Eesti Energia is preparing the construction of a pumped-storage hydroelectric power plant to help ensure energy security
Eesti Energia has taken the next step to build Estonia's first pumped-storage hydroelectric power plant (PSH), starting to carry out its preliminary design and environmental impact assessment. When completed, the plant will contribute to energy security after desynchronization from the Russian energy system.
The PSH plant planned for the industrial area of Estonia Mine in Ida-Virumaa is a large-scale circular economy project, the construction of which takes advantage of mining residue and closed mining tunnels created during oil shale mining. The plant acts as a powerful storage unit, helping to ensure energy security and stability of the power network when launched.
The size and profitability of the investment will be specified with pre-design, and the pre-assessment of environmental effects will determine which environmental requirements and conditions must be taken into account during its construction.

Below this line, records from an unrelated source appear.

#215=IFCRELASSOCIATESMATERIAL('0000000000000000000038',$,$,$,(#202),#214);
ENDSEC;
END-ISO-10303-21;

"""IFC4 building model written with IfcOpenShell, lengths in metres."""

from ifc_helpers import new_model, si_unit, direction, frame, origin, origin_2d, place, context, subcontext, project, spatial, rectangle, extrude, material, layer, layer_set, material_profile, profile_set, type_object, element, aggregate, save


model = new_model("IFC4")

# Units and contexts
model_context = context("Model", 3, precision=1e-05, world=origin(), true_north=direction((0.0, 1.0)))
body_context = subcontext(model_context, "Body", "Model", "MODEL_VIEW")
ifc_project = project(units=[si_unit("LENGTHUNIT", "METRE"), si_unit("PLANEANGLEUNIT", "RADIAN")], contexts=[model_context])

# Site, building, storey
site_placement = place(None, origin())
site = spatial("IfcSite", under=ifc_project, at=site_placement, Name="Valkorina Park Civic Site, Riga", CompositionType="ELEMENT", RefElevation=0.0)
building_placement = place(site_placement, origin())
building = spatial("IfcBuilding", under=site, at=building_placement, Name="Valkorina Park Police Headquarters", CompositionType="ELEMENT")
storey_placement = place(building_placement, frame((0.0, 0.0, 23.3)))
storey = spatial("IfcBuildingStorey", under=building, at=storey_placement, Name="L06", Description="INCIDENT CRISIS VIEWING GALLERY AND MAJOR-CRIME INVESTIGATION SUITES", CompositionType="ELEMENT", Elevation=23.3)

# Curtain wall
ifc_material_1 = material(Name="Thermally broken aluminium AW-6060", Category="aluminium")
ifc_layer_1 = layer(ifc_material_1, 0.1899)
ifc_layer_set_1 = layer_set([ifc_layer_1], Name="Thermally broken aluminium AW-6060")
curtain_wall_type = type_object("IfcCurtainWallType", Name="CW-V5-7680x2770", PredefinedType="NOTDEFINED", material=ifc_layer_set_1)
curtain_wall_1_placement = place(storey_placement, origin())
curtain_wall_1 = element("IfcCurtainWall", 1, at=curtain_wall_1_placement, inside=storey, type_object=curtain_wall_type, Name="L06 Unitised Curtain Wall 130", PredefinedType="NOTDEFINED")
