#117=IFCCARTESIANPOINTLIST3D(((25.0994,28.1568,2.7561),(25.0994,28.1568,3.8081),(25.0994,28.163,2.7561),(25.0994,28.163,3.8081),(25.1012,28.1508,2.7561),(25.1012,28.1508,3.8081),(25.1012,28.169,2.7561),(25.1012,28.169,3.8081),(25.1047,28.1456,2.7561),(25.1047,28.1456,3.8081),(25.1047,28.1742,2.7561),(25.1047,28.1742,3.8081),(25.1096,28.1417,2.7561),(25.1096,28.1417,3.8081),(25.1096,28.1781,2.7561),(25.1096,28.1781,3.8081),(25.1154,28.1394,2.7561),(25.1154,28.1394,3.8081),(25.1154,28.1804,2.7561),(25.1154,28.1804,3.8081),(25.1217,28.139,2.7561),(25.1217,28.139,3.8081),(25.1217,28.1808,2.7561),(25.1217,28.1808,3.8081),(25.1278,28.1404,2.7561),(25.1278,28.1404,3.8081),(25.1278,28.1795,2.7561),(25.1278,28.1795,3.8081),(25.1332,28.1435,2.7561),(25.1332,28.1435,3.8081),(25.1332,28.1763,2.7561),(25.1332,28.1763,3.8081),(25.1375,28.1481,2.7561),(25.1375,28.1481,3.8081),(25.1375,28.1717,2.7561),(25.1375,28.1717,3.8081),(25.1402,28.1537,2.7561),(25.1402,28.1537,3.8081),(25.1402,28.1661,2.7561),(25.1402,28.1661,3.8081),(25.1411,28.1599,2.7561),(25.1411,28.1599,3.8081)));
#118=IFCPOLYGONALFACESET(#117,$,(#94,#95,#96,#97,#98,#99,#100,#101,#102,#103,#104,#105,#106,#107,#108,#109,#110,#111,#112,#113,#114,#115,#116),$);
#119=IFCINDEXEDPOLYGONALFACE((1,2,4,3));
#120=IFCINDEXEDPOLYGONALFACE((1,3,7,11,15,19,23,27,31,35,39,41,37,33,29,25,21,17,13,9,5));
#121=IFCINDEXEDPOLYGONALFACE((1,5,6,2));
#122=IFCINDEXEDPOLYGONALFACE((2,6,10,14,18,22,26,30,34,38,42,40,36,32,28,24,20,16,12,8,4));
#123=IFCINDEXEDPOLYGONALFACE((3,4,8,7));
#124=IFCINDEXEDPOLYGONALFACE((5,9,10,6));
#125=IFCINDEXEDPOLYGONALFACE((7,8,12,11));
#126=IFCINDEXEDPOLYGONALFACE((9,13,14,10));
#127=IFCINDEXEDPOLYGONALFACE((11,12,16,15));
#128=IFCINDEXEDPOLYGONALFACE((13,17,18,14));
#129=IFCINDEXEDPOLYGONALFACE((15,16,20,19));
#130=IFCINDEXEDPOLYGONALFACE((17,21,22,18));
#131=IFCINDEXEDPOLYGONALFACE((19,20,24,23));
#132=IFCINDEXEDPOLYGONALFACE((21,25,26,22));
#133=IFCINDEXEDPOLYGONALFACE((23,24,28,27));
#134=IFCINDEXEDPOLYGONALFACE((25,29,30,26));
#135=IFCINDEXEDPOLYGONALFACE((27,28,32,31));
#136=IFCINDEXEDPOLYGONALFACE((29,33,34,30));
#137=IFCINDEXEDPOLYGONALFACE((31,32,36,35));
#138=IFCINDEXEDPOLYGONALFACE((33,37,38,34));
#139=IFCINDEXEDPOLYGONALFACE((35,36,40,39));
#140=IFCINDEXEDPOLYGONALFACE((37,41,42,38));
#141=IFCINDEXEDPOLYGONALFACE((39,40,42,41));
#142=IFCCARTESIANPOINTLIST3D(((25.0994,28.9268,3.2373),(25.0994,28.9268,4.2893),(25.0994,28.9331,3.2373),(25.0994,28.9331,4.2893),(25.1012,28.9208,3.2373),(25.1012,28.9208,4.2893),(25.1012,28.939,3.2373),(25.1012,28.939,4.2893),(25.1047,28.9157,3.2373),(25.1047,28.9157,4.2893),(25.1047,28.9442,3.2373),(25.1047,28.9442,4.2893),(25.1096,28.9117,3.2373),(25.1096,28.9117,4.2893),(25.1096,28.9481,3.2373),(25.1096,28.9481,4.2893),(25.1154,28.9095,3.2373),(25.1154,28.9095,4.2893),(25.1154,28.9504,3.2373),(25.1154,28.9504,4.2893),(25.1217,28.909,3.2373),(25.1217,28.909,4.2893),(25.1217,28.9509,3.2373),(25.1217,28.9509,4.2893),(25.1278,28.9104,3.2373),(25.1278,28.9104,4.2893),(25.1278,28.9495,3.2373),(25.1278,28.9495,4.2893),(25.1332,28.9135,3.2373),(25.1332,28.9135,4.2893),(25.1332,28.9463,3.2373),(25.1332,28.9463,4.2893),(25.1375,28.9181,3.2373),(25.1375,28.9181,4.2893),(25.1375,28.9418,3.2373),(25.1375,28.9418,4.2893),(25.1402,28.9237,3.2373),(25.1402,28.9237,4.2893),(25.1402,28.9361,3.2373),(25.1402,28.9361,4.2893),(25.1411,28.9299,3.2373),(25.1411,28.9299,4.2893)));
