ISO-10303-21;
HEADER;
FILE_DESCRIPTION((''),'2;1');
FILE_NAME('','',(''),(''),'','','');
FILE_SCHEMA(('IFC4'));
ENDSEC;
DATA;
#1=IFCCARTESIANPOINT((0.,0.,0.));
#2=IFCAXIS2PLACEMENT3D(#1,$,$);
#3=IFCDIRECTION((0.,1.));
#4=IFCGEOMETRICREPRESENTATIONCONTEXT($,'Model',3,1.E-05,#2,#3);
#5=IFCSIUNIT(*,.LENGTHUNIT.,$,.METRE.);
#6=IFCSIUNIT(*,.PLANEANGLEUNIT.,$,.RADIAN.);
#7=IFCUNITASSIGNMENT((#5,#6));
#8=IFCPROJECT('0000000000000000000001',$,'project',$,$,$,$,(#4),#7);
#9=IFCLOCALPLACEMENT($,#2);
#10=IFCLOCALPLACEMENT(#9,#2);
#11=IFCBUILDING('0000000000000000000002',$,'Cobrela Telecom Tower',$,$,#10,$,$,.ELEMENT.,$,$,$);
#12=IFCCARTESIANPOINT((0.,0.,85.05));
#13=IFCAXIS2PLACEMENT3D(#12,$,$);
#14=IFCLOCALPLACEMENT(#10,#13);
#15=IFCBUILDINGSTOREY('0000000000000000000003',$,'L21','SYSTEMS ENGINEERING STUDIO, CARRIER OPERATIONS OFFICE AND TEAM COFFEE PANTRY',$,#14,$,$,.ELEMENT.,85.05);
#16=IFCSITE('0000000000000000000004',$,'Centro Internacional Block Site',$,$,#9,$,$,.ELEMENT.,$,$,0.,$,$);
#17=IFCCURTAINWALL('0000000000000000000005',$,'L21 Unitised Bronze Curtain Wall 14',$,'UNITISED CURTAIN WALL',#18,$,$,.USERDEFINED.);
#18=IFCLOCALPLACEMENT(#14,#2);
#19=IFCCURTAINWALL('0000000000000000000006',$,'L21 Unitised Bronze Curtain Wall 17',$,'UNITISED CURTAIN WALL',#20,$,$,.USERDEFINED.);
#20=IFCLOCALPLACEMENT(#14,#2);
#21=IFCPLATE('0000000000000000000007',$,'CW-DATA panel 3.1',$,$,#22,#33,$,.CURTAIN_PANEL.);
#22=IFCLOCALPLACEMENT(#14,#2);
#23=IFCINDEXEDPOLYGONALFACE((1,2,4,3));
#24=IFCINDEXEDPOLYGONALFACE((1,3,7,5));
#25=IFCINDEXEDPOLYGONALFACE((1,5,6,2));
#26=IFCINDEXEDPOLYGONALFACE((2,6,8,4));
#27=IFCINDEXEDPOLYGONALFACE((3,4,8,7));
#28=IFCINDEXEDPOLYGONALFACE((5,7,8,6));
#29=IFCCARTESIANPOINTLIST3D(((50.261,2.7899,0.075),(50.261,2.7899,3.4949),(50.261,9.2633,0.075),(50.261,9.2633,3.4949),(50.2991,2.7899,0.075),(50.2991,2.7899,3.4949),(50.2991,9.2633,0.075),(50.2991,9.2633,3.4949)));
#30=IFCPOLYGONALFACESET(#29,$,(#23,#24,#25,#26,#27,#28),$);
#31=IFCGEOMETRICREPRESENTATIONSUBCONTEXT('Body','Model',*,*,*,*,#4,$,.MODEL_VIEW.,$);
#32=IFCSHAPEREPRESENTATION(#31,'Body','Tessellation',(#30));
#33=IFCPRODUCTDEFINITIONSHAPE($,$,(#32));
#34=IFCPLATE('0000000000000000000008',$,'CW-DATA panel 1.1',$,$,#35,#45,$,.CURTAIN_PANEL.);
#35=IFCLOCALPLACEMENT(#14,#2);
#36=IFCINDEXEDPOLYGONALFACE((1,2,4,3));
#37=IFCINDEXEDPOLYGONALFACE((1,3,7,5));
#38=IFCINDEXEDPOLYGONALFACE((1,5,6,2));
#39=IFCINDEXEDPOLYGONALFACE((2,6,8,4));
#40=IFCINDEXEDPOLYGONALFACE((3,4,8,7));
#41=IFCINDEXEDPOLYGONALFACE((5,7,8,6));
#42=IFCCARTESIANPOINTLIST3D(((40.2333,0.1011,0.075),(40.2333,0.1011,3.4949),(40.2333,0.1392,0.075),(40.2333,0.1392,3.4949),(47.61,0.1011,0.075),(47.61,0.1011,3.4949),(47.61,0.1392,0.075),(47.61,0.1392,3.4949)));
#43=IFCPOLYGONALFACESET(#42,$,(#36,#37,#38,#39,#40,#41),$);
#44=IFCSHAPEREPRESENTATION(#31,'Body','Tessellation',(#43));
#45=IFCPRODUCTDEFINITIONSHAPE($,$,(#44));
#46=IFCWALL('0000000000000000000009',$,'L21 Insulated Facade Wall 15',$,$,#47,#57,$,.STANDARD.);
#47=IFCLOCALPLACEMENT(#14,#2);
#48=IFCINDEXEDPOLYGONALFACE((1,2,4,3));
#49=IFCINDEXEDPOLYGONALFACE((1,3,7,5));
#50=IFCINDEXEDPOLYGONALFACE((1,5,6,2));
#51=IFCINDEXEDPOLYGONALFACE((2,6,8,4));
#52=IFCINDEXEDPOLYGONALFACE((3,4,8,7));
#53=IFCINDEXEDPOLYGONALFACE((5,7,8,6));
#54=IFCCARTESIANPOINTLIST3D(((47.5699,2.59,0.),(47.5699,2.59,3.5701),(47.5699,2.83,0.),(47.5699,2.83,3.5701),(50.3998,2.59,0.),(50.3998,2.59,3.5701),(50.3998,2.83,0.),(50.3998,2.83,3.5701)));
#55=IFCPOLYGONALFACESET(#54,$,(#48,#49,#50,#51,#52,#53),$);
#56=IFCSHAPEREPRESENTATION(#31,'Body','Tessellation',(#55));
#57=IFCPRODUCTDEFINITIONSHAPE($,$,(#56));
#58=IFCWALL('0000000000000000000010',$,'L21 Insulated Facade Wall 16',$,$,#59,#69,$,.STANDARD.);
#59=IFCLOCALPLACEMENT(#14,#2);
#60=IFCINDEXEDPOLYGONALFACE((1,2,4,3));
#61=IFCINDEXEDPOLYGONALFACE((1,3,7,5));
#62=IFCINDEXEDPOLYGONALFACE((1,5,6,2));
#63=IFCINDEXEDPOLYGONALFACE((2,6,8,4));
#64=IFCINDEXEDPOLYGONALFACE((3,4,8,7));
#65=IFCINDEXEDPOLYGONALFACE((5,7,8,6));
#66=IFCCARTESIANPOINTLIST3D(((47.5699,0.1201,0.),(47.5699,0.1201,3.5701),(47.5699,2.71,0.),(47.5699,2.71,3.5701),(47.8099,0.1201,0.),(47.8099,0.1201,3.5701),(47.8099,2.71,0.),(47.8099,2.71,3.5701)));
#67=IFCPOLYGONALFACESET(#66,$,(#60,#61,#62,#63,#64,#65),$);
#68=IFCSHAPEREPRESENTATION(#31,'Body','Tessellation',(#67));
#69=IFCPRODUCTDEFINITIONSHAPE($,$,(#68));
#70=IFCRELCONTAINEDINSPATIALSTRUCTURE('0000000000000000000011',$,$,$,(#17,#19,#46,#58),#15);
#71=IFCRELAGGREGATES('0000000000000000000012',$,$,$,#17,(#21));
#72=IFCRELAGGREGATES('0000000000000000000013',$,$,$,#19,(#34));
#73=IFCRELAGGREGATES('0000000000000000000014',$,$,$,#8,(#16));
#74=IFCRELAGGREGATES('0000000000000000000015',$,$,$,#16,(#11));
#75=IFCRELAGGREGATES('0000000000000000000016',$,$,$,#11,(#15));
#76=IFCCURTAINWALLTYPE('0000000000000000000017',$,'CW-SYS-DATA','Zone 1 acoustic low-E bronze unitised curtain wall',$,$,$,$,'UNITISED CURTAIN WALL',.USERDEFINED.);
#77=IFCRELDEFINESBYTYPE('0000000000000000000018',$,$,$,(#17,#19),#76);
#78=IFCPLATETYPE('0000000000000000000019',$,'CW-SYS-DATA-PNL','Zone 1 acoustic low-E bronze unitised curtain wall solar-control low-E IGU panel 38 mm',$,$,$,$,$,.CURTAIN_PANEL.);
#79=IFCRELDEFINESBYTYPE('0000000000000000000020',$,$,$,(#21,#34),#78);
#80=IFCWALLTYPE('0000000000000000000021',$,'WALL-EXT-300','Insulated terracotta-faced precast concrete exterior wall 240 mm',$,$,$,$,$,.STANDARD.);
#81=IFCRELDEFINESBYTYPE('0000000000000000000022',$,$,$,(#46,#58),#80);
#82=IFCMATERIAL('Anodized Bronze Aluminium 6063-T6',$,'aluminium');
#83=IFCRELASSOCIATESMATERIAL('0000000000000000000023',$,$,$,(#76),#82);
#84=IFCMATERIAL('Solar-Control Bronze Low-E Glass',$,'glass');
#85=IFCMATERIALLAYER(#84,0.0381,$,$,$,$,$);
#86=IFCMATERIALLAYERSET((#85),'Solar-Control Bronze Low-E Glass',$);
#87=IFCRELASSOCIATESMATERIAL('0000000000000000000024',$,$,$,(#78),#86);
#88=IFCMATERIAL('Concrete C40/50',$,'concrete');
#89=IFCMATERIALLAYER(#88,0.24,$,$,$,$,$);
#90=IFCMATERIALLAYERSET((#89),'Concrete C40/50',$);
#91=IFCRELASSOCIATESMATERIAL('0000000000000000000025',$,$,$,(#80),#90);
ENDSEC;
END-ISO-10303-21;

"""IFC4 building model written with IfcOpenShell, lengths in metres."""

from ifc_helpers import new_model, si_unit, direction, frame, frame_2d, origin, origin_2d, place, context, subcontext, project, spatial, rectangle, extrude, material, layer, layer_set, type_object, element, aggregate, save


model = new_model("IFC4")

# Units and contexts
model_context = context("Model", 3, precision=1e-05, world=origin(), true_north=direction((0.0, 1.0)))
body_context = subcontext(model_context, "Body", "Model", "MODEL_VIEW")
ifc_project = project(units=[si_unit("LENGTHUNIT", "METRE"), si_unit("PLANEANGLEUNIT", "RADIAN")], contexts=[model_context])

# Site, building, storey
site_placement = place(None, origin())
site = spatial("IfcSite", under=ifc_project, at=site_placement, Name="Centro Internacional Block Site", CompositionType="ELEMENT", RefElevation=0.0)
building_placement = place(site_placement, origin())
building = spatial("IfcBuilding", under=site, at=building_placement, Name="Cobrela Telecom Tower", CompositionType="ELEMENT")
storey_placement = place(building_placement, frame((0.0, 0.0, 85.05)))
storey = spatial("IfcBuildingStorey", under=building, at=storey_placement, Name="L21", Description="SYSTEMS ENGINEERING STUDIO, CARRIER OPERATIONS OFFICE AND TEAM COFFEE PANTRY", CompositionType="ELEMENT", Elevation=85.05)

# Curtain wall
ifc_material_1 = material(Name="Anodized Bronze Aluminium 6063-T6", Category="aluminium")
curtain_wall_type = type_object("IfcCurtainWallType", Name="CW-SYS-DATA", Description="Zone 1 acoustic low-E bronze unitised curtain wall", ElementType="UNITISED CURTAIN WALL", PredefinedType="USERDEFINED", material=ifc_material_1)
curtain_wall_1_placement = place(storey_placement, origin())
curtain_wall_1 = element("IfcCurtainWall", 1, at=curtain_wall_1_placement, inside=storey, type_object=curtain_wall_type, Name="L21 Unitised Bronze Curtain Wall 14", ObjectType="UNITISED CURTAIN WALL", PredefinedType="USERDEFINED")

# Curtain wall
curtain_wall_2_placement = place(storey_placement, origin())
curtain_wall_2 = element("IfcCurtainWall", 2, at=curtain_wall_2_placement, inside=storey, type_object=curtain_wall_type, Name="L21 Unitised Bronze Curtain Wall 17", ObjectType="UNITISED CURTAIN WALL", PredefinedType="USERDEFINED")

# Plates
ifc_material_2 = material(Name="Solar-Control Bronze Low-E Glass", Category="glass")
ifc_layer_1 = layer(ifc_material_2, 0.0381)
ifc_layer_set_1 = layer_set([ifc_layer_1], Name="Solar-Control Bronze Low-E Glass")
plate_type = type_object("IfcPlateType", Name="CW-SYS-DATA-PNL", Description="Zone 1 acoustic low-E bronze unitised curtain wall solar-control low-E IGU panel 38 mm", PredefinedType="CURTAIN_PANEL", material=ifc_layer_set_1)
plate_1_placement = place(storey_placement, frame((50.28, 6.0266, 0.075), z_axis=(0.0, 0.0, 1.0), x_axis=(0.0, -1.0, 0.0)))
plate_1 = element("IfcPlate", 3, at=plate_1_placement, type_object=plate_type, Name="CW-DATA panel 3.1", PredefinedType="CURTAIN_PANEL", context=body_context, shape_type="SweptSolid", body=[
    extrude(rectangle(XDim=6.4734, YDim=0.0381, at=origin_2d()), origin(), (0.0, 0.0, 1.0), 3.4199),
])
aggregate(curtain_wall_1, [plate_1])
plate_2_placement = place(storey_placement, frame((43.9216, 0.1201, 0.075), z_axis=(0.0, 0.0, 1.0), x_axis=(-1.0, 0.0, 0.0)))
plate_2 = element("IfcPlate", 4, at=plate_2_placement, type_object=plate_type, Name="CW-DATA panel 1.1", PredefinedType="CURTAIN_PANEL", context=body_context, shape_type="SweptSolid", body=[
    extrude(rectangle(XDim=7.3767, YDim=0.0381, at=origin_2d()), origin(), (0.0, 0.0, 1.0), 3.4199),
])
aggregate(curtain_wall_2, [plate_2])

# Walls
ifc_material_3 = material(Name="Concrete C40/50", Category="concrete")
ifc_layer_2 = layer(ifc_material_3, 0.24)
ifc_layer_set_2 = layer_set([ifc_layer_2], Name="Concrete C40/50")
wall_type = type_object("IfcWallType", Name="WALL-EXT-300", Description="Insulated terracotta-faced precast concrete exterior wall 240 mm", PredefinedType="STANDARD", material=ifc_layer_set_2)
wall_1_placement = place(storey_placement, frame((50.3999, 2.71, 0.0), z_axis=(0.0, 0.0, 1.0), x_axis=(-1.0, 0.0, 0.0)))
element("IfcWall", 5, at=wall_1_placement, inside=storey, type_object=wall_type, Name="L21 Insulated Facade Wall 15", PredefinedType="STANDARD", context=body_context, shape_type="SweptSolid", body=[
    extrude(rectangle(XDim=2.8298, YDim=0.24, at=frame_2d((1.415, 0.0))), origin(), (0.0, 0.0, 1.0), 3.5701),
])
wall_2_placement = place(storey_placement, frame((47.6899, 2.71, 0.0), z_axis=(0.0, 0.0, 1.0), x_axis=(0.0, -1.0, 0.0)))
element("IfcWall", 6, at=wall_2_placement, inside=storey, type_object=wall_type, Name="L21 Insulated Facade Wall 16", PredefinedType="STANDARD", context=body_context, shape_type="SweptSolid", body=[
    extrude(rectangle(XDim=2.5898, YDim=0.24, at=frame_2d((1.2949, 0.0))), origin(), (0.0, 0.0, 1.0), 3.5701),
])

save(model, "model.ifc")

According to Margus Vals, Member of the Management Board of Eesti Energia, the pumped-storage hydroelectric power plant will be able to provide various services to the energy markets, thus making it an important asset not only for the company but for the entire country.
“Ensuring Estonia's energy security and energy independence with our own assets is more important than ever before,” Vals said. “In view of the connection to the continental European electricity system planned for 2026 at the latest, it is extremely important that the necessary energy markets and production or storage assets are created in the Baltic States to ensure the security of supply as greenly and cheaply as possible. Our pumped-storage hydroelectric power plant will be ready to enter the market in 2025-2026 in accordance with Elering's synchronization plans, if the necessary system services markets are created. The plant will provide solutions to several challenges at the same time, because in addition to ensuring security of supply, it promotes the introduction of renewable energy, helps to achieve waste-free production and reuses industrial areas.”
The 225 MW plant will act as a giant storage unit. Its upper reservoir will be built on a waste rock structure, and the closed mine will be used as the lower reservoir. When there is a lack of electricity in the energy system, water is passed from the upper reservoir through pipes to an electric turbine that converts energy from flowing water into electrical energy, after which the water enters the lower reservoir. At times when electricity is cheap, the water is pumped back up for the process to be repeated when needed. The plant will start operating in 2026.
“Renewable energy production is essentially variable, so the forecast can differ widely from what wind and solar farms actually produce,” Vals noted. “Even two hours before the moment of production, the forecast can differ significantly from actual. To cope with this, the power system must have generation assets that can respond as quickly to ensure the balance of consumption and production along with the frequency. One of the technologies that enables such a quick response is a modern pumped-storage hydroelectric power plant that is able to load itself up and down in a matter of minutes.”
The project is unique because, as far as Eesti Energia is aware, oil shale or coal mines have not been used as water reservoirs for hydroelectric power plants. In addition, it is unique that the pressure height of the PSH plant, i.e. the height between the upper and lower water reservoirs, is increased by reusing waste rock from the enrichment process of rock mass from oil shale mining.
The concept of the planned pumped-storage hydroelectric power plant can be exported to other countries. The target group includes countries whose land relief is not suitable for the construction of a classic pumped-storage hydroelectric power plant and where there are closed or closing mines.